Berlingske has this blog from Lykke Friis:

Do you mean business, Mr. President?

Europe has been one of the dirtiest words in the recent American campaign. Just ask President Barack Obama: The Republicans accused him during the entire campaign of being soft and having European sympathies – two traits that in American politics apparently join up. Or, just think back to the beginning of the year, as Mitt Romney excelled in the following tirade: “Europe doesn’t work in Europe – and will thus not work in the USA.

The trend is far from new. During the 2004 campaign Europe was used as a political insult. The Democratic candidate, John Kerry, who might be Barack Obama’s new Foreign Secretary, toned down his otherwise excellent French. Otherwise he risked being dyed as a European – which in American political rhetoric is synonymous with socialism, laziness, and decadence. Actually John Kerry was pressed to say he preferred American bottled water to the French Evian.

In that light, it might seem politically tone-deaf and removed from reality to plead for advancing Europe to the top of the President’s ”to-do-list”. Never the less, it was precisely what several European political leaders immediately suggested when the vote was counted. Time must finally have come to close the file on a transatlantic free trade agreement and tear down the last trade walls. Realistically seen, a free trade agreement is the closest thing to a kick-start that actually works – note: On both sides of the Atlantic!
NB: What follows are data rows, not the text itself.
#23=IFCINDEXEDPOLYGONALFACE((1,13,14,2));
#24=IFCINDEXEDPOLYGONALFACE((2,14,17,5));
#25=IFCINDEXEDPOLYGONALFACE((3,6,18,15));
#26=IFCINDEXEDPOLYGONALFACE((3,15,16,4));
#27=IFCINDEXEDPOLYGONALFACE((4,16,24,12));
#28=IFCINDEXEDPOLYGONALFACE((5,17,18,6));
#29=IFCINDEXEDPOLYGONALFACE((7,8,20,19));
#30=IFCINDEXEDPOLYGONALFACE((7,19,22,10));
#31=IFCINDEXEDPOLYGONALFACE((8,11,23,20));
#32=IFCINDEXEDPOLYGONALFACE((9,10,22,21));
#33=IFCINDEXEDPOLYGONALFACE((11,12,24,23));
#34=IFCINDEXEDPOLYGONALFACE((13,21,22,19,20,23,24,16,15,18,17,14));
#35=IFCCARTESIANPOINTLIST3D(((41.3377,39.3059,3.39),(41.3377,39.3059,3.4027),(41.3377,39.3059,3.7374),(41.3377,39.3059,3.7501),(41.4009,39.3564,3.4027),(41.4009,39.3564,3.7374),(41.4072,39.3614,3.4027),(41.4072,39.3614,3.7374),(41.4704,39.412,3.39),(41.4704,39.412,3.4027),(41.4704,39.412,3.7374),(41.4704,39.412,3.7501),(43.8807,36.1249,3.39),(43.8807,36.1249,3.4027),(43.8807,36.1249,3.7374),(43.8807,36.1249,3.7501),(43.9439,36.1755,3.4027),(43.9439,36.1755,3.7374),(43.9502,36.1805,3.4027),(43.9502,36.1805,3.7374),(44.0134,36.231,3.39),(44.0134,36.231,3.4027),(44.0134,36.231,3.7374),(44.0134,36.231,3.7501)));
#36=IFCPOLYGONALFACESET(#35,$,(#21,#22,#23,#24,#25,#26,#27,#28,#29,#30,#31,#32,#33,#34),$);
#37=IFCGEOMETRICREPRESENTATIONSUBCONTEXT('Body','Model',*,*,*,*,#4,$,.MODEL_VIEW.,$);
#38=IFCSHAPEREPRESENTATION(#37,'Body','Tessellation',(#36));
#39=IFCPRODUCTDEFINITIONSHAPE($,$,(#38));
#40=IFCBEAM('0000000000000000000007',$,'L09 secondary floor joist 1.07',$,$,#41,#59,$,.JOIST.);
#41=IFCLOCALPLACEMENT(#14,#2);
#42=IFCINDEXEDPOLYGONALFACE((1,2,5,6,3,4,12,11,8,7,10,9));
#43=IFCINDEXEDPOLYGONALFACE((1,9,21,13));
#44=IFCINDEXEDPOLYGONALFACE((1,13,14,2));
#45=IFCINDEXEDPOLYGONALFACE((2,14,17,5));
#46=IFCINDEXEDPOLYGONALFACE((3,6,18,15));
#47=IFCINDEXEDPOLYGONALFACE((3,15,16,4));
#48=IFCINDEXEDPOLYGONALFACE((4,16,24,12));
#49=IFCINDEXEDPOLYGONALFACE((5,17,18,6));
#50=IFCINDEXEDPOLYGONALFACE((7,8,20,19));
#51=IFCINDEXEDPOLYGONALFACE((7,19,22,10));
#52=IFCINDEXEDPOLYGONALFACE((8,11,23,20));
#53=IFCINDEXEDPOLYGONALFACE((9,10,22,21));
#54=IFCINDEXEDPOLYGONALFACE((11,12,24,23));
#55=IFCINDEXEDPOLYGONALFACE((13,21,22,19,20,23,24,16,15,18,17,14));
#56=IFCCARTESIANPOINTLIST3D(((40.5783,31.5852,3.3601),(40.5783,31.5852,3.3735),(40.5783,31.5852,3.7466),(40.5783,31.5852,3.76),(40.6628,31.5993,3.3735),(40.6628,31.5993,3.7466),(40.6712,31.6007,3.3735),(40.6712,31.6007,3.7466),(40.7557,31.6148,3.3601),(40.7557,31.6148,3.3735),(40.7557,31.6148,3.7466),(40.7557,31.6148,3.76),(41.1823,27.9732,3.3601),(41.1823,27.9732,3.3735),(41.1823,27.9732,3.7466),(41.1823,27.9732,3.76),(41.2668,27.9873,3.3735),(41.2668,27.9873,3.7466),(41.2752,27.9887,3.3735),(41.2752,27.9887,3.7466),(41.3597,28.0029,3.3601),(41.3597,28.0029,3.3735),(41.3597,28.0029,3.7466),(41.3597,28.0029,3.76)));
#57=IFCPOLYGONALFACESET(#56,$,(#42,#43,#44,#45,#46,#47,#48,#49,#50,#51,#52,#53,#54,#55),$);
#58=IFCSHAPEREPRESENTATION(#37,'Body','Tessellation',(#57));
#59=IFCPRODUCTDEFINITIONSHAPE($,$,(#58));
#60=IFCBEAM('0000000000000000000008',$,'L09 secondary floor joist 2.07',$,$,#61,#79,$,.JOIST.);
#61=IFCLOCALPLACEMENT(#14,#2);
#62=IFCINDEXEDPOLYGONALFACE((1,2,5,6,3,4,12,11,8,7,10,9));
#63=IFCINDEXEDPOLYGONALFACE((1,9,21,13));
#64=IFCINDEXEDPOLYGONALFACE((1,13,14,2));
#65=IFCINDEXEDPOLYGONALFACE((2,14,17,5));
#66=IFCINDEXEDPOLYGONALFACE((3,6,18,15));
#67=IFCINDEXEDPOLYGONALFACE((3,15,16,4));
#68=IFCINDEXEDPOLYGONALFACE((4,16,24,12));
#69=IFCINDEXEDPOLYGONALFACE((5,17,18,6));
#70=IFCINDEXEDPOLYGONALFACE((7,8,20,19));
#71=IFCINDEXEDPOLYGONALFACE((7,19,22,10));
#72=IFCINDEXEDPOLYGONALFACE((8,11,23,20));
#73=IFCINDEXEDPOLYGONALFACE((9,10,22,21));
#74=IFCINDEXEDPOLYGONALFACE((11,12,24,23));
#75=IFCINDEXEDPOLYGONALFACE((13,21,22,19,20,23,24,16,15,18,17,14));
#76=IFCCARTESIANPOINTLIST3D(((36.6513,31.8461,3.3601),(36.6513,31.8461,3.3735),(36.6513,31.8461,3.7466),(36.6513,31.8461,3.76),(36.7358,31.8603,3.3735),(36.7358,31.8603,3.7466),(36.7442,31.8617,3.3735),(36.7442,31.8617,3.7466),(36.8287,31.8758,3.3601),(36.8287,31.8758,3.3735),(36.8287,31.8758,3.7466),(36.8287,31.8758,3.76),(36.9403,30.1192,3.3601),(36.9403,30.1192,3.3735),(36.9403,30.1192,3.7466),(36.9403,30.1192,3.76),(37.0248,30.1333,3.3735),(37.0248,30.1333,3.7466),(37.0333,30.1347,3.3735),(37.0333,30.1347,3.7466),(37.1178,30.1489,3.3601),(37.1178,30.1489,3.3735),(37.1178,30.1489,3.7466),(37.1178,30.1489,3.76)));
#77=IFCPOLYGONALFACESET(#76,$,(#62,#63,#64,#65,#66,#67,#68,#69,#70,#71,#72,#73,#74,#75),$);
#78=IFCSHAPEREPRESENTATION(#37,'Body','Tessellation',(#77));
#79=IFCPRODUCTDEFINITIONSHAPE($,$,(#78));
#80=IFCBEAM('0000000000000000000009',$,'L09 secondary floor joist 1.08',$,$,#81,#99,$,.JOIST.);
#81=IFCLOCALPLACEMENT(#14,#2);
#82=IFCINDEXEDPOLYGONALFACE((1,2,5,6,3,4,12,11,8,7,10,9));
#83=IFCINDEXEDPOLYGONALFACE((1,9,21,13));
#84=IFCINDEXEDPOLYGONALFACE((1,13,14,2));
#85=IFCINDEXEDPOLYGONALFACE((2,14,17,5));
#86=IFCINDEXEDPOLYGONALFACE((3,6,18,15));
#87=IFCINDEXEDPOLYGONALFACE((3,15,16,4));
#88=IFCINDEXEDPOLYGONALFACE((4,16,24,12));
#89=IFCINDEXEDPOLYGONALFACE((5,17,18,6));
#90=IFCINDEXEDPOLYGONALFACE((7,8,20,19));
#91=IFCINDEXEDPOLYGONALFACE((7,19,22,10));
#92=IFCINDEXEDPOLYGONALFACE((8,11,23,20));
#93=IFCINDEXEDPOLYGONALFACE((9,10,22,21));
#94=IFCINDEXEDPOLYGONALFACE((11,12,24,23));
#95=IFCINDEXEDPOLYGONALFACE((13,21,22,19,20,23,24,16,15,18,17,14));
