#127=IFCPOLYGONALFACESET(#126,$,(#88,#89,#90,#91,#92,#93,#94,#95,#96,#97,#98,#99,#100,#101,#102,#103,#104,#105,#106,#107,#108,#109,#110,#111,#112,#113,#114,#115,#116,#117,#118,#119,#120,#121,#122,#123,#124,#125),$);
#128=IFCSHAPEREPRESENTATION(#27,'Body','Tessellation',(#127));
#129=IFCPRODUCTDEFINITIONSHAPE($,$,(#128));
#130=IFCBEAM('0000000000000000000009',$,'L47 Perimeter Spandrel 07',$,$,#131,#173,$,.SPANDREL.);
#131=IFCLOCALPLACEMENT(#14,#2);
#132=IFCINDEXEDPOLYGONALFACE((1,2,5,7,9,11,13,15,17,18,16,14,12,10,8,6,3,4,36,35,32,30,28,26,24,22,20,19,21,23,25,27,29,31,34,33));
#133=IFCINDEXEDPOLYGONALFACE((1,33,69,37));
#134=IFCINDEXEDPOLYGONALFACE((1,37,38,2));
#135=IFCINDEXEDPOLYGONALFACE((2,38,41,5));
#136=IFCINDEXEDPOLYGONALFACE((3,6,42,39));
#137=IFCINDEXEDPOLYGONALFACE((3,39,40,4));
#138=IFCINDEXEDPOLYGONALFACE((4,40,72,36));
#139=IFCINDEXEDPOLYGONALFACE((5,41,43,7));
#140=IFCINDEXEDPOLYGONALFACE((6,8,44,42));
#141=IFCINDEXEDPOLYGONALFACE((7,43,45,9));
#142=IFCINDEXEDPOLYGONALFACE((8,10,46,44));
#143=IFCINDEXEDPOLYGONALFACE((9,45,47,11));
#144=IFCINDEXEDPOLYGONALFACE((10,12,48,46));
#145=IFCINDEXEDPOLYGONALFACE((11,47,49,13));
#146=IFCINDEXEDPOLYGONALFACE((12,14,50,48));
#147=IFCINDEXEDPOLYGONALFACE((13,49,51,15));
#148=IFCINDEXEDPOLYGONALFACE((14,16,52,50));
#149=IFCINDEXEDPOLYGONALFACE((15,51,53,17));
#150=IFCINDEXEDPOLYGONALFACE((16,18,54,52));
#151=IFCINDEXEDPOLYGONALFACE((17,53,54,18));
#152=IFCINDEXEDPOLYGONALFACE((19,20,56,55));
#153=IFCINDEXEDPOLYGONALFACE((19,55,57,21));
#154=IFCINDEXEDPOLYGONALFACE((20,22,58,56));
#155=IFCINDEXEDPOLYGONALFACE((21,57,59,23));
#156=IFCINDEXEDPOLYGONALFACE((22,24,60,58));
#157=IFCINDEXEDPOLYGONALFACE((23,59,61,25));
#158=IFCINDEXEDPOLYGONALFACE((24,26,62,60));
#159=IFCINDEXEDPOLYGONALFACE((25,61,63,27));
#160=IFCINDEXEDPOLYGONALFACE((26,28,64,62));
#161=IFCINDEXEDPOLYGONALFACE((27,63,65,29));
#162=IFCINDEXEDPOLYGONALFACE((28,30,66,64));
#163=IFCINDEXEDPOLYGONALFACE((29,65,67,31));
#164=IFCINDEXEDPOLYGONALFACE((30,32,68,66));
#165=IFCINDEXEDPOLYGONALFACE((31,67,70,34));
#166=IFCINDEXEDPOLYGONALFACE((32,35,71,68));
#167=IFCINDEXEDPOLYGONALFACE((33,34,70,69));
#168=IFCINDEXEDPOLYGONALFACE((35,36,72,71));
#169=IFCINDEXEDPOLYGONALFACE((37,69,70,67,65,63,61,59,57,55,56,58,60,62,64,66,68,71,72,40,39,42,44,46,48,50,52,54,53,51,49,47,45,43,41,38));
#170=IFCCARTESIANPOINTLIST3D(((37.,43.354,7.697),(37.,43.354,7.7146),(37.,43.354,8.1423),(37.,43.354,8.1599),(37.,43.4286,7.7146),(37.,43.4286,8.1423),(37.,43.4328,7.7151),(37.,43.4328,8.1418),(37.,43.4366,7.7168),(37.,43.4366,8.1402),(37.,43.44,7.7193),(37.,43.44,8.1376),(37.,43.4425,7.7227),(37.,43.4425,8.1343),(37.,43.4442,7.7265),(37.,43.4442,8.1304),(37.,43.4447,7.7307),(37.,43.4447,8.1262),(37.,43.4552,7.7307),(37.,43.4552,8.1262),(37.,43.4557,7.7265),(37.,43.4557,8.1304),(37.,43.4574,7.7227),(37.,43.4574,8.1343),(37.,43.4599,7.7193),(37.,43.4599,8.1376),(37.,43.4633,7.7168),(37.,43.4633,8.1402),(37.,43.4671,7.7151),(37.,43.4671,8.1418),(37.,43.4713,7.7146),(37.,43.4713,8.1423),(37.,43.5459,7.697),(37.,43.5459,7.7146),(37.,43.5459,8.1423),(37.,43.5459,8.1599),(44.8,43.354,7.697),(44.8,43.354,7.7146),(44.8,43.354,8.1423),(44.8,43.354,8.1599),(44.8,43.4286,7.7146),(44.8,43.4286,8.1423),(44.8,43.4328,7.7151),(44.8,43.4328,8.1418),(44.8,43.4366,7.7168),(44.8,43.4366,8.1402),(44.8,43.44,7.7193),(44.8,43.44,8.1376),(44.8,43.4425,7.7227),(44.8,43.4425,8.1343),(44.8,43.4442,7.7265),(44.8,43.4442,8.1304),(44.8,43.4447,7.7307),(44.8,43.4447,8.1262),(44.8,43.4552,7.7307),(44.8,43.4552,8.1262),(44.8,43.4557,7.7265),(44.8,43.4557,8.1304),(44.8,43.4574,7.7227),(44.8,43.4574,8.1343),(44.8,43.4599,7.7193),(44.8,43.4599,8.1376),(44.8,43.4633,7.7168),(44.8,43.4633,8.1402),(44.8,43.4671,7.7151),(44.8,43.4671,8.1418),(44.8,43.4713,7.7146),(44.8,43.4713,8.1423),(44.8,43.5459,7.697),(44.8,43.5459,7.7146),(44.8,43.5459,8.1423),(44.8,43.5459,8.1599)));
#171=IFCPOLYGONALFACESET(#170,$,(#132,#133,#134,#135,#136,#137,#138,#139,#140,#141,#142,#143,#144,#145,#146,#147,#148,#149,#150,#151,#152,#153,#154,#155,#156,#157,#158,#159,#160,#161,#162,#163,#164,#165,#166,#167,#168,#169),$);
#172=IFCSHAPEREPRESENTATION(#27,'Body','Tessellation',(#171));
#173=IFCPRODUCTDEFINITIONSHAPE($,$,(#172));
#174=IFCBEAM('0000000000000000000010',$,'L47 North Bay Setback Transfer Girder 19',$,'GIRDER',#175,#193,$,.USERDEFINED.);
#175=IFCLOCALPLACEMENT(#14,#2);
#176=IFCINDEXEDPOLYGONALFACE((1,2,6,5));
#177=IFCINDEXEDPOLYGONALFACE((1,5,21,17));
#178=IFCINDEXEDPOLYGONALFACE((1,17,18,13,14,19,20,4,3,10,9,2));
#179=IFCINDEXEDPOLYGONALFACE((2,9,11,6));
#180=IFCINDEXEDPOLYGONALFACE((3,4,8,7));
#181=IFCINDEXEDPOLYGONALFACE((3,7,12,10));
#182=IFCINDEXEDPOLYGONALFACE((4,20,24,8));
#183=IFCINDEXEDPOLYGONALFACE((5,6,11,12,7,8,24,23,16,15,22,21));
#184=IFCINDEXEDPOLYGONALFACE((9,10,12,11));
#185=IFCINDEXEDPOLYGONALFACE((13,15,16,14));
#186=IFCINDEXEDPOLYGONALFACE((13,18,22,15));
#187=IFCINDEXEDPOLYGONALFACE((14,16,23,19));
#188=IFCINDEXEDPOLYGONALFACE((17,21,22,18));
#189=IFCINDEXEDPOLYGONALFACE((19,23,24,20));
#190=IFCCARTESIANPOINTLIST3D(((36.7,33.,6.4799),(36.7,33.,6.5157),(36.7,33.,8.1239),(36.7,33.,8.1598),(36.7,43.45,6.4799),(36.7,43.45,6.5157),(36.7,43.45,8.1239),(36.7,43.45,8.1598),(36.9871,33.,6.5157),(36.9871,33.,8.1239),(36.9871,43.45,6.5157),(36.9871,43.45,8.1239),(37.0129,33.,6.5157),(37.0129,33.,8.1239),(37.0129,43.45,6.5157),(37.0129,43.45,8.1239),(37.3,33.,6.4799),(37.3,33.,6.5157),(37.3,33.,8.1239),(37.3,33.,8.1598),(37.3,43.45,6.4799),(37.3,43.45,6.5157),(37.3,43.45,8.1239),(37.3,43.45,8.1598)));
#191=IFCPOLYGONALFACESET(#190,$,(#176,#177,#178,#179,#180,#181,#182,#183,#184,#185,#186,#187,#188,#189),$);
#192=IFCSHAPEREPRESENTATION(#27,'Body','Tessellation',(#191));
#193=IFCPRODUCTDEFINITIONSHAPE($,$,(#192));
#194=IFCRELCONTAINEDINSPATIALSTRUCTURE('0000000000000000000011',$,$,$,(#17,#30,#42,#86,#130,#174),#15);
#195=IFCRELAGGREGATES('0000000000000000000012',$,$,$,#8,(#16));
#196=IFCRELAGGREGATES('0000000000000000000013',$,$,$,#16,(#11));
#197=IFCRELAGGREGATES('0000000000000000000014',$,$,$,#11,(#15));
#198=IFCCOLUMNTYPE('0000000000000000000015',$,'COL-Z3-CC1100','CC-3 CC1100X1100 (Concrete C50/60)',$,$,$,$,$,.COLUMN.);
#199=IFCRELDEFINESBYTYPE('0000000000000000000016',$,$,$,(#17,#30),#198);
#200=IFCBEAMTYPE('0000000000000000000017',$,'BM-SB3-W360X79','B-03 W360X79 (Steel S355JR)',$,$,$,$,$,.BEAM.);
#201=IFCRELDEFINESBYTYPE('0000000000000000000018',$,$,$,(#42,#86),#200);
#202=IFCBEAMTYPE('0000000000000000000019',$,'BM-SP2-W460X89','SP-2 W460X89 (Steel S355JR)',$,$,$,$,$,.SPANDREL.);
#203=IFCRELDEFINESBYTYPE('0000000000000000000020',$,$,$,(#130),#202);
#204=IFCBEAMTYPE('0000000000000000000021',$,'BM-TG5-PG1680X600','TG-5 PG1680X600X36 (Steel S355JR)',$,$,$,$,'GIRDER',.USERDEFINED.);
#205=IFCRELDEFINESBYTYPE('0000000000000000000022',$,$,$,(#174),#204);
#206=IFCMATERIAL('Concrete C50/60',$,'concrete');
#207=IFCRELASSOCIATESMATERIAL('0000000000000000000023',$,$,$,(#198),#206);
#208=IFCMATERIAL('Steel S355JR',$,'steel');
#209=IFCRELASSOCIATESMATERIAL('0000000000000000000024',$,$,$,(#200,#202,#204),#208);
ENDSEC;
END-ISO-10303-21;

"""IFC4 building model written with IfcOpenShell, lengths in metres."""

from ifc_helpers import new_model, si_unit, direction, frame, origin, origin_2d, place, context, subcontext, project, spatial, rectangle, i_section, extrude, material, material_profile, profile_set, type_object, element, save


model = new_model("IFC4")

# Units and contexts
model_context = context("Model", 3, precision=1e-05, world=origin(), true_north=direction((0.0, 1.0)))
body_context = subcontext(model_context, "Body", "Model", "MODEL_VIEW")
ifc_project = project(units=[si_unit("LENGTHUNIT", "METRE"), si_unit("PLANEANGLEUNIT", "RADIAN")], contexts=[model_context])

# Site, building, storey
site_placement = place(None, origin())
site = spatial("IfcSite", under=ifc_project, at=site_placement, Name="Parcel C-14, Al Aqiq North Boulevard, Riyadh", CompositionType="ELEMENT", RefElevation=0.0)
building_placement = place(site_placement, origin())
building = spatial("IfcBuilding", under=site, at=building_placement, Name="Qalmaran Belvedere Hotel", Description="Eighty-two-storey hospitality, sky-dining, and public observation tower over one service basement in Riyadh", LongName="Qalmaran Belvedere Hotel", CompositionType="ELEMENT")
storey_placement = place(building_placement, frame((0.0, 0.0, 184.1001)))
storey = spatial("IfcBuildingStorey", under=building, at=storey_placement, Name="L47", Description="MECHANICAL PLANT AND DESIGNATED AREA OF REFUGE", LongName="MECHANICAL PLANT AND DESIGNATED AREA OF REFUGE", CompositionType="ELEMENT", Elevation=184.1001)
Despite the strong focus on the BRIC-countries on both sides of the Atlantic, the EU and the USA are already sharing destiny. We are each other’s closest trading partners and we invest in each other hammer and tongs. According to a study by the Center for Transatlantic Relations, performed by Johns Hopkins University, the American investments in the BRIC countries (Brazil, Russia, India and China) are only 7.2% of total American investments in Europe. The USA invests more in Ireland than in all the four BRIC-countries put together. And, what is more thought provoking (at least in a Danish context): Since 2000, the USA has invested more in Denmark than in Russia.

The trend is a two-way street across the Atlantic, where European businesses have the lions share of direct foreign investment in the USA. In terms of human impact it means stated briefly that millions of jobs in the USA depend on European investments. It is estimated that 3.5 million Americans are employed by European subsidiaries. The corresponding number in Europe is 4.2 million – or 35,500 alone in Denmark. And that is just employees in subsidiaries. Apart from that, there are all the jobs that derive from the transatlantic trade in general.

If we tore down the last walls and entered into the free trade agreement, the numbers would be even more impressive. According to the EU-commission, the trade would increase about 50 pct. Other research points to over a million new jobs created in the EU and the USA. Fortunately, the EU’s heads of government are, after the October EU-summit, very close to start negotiating free trade negotiations. So all we need now is that the President re-elect enters the matter wholeheartedly and gets the negotiations started at the beginning of the New Year. So, congratulations, Mr. President and hopefully you mean business!

Lykke Friis is a liberal former minister and perhaps the closest thing to a shadow foreign secretary there is – in my estimate.

She is one of the brighter elements in the opposition and doesn’t really mingle with lesser stuff.

To perpetrate gossip:

Politikken has:

Where former Danish PM and present NATO Secretary General Anders Fogh Rasmussen is mentioned as a possibility to either being EU-President after Herman Van Rompuy or head the foreign service after the lacklustre Catherine Ashton.

Now bringing up names early is a common way to poison-pill a candidacy and Fogh Rasmussen also denies being interested. The field is rather open, however, due to the fact that none of the major nations in Europe want their rivals on top jobs.

And JyllandsPosten quotes Anders Fogh Rasmussen as characterising the personal working relationship as the very best.


The interesting thing is the attention away from the internal squabble in the EU and US campaign sound-bytes. The other thing is the focus on security, where there are major Nato-reorganizations under way, with considerable savings on both sides of the Atlantic. Heaven knows tax cuts are needed both places.

Another factor: With rising food prices the petty subsidies and finagling of trade regulations should be able to stop. The behind the scenes sharing of information in the different banking scandals does seem to work pretty well.

With China looking less than stable and Russia in its usual budget crisis, there is a need to look for some real growth. How much?

Well, with all raw materials in a state of flux price-wise and China not being able to afford paying the rest of the world for the privilege of selling them stuff: We just might see some (not a lot) jobs and growth, where everything considered, the price and quality of both the US and Europe might measure up, despite the higher pay checks. Where, how, and how much is a set of very much unknown factors; but that is playing to the strengths of the West: The very speed adaptations can be made (not always the best choice in hindsight; but…) at will play into the strengths of the USA and Europe.